例えば「解体新書」これは「ターヘル・アナトミア」という医学蘭書を訳したものですが、じゃあ、その原本はどこから来たんだ・・・と。完全に「閉じて」いたらそんなもん江戸にまで来るわけないはずであります。
ただ・・・情報的に、と言うか。一般大衆はほとんどそういうこと知らなかったわけで。
長崎や松前、というのは江戸市民にとってははるか彼方の地であります。江戸も中期以降になると庶民が各地を旅行するようになります。しかしはるばる長崎にまで行った、としても。出島からオランダ人はほとんど出られませんし清の人たちの町はあっても早々に立ち入るわけにもいかない。・・・あまりそういうのとは触れあえなかったりします。
・・・もちろん例外はあります。遊女は出島に出入りできたので・・・まあ、そういう出自の人が少なからず長崎にはいたのではないか、ということになってます。
それでも学問としての「蘭学」や清で漢訳された書籍などは入って来ていたわけで。そこから海外を見ようとした人たちの努力があったことは言うまでもありません。

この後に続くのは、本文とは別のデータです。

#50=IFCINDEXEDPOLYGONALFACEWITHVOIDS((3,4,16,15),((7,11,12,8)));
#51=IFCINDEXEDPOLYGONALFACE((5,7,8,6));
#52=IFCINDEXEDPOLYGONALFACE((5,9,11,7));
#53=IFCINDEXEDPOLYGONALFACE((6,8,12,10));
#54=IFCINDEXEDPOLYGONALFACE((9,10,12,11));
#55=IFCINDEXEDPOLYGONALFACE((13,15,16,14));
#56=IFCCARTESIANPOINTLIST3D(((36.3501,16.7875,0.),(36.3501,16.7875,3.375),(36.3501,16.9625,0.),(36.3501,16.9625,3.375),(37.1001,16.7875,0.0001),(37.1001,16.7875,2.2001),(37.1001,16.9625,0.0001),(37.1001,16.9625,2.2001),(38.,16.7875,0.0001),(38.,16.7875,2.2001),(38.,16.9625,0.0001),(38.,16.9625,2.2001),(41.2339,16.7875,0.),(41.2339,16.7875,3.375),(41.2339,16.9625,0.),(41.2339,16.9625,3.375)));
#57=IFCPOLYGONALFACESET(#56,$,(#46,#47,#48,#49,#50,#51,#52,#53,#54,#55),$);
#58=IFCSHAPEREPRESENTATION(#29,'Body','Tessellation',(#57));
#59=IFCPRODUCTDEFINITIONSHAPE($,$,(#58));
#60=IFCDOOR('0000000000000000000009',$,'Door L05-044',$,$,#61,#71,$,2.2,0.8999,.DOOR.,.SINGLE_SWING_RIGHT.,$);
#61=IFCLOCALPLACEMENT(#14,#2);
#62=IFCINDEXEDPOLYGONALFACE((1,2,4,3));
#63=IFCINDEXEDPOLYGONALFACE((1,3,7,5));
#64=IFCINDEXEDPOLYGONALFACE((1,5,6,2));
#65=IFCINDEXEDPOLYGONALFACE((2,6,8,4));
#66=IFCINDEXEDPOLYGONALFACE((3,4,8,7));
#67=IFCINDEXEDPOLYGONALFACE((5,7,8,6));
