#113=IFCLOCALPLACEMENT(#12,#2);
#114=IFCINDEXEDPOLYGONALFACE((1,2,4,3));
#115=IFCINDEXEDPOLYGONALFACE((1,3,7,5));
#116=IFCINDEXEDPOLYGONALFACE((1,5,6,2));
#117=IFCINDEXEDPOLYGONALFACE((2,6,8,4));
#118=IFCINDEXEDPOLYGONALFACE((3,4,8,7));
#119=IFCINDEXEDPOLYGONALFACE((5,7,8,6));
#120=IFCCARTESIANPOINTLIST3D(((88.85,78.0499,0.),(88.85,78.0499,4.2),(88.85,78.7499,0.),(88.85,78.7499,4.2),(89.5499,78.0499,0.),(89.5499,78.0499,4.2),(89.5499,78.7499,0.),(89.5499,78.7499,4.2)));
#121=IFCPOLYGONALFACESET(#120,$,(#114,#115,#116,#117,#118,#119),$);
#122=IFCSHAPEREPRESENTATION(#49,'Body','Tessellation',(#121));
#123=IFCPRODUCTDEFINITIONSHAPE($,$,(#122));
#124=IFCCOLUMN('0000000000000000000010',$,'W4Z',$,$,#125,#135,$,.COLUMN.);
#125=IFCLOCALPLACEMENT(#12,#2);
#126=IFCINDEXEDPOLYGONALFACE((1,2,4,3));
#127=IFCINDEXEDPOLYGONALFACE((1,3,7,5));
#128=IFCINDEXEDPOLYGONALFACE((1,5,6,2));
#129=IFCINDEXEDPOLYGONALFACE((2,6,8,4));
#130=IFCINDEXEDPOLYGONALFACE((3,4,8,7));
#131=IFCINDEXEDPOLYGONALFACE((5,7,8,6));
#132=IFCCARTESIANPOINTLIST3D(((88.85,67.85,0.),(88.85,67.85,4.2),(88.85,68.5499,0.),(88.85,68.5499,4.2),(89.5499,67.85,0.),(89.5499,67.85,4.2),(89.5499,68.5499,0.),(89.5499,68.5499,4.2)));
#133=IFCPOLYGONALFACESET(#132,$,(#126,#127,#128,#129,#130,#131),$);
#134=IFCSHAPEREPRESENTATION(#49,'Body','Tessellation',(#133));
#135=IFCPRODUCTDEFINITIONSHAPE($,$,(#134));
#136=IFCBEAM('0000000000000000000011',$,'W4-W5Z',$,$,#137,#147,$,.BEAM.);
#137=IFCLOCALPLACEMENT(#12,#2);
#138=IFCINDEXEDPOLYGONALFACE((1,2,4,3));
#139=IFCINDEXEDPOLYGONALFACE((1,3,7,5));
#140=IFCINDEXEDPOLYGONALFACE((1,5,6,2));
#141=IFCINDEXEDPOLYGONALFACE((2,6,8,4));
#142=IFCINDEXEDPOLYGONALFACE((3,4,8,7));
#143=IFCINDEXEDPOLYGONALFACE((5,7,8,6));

海外への渡航は死罪であります。・・・その時点で鎖国じゃないか、という見方もできます。しかしそれも幕府の対外政策の一環で・・・と言われればたしかにそういうもんだ、ということにもなります。「大多数が外に対して目を閉じさせられていた時代」という認識は変わらないかと思われます。
ただ・・・個人的には「鎖国」という表記は嫌いではなく(好き嫌いの問題ではないのですが)。開国に対しての「閉国」とか「閉じ込められてた」的な言い回しとか、そういうのとはちょっと違っていて、実は鎖のすき間からかすかに外が見えていた・・・そんな雰囲気?があるような気がしていて・・・。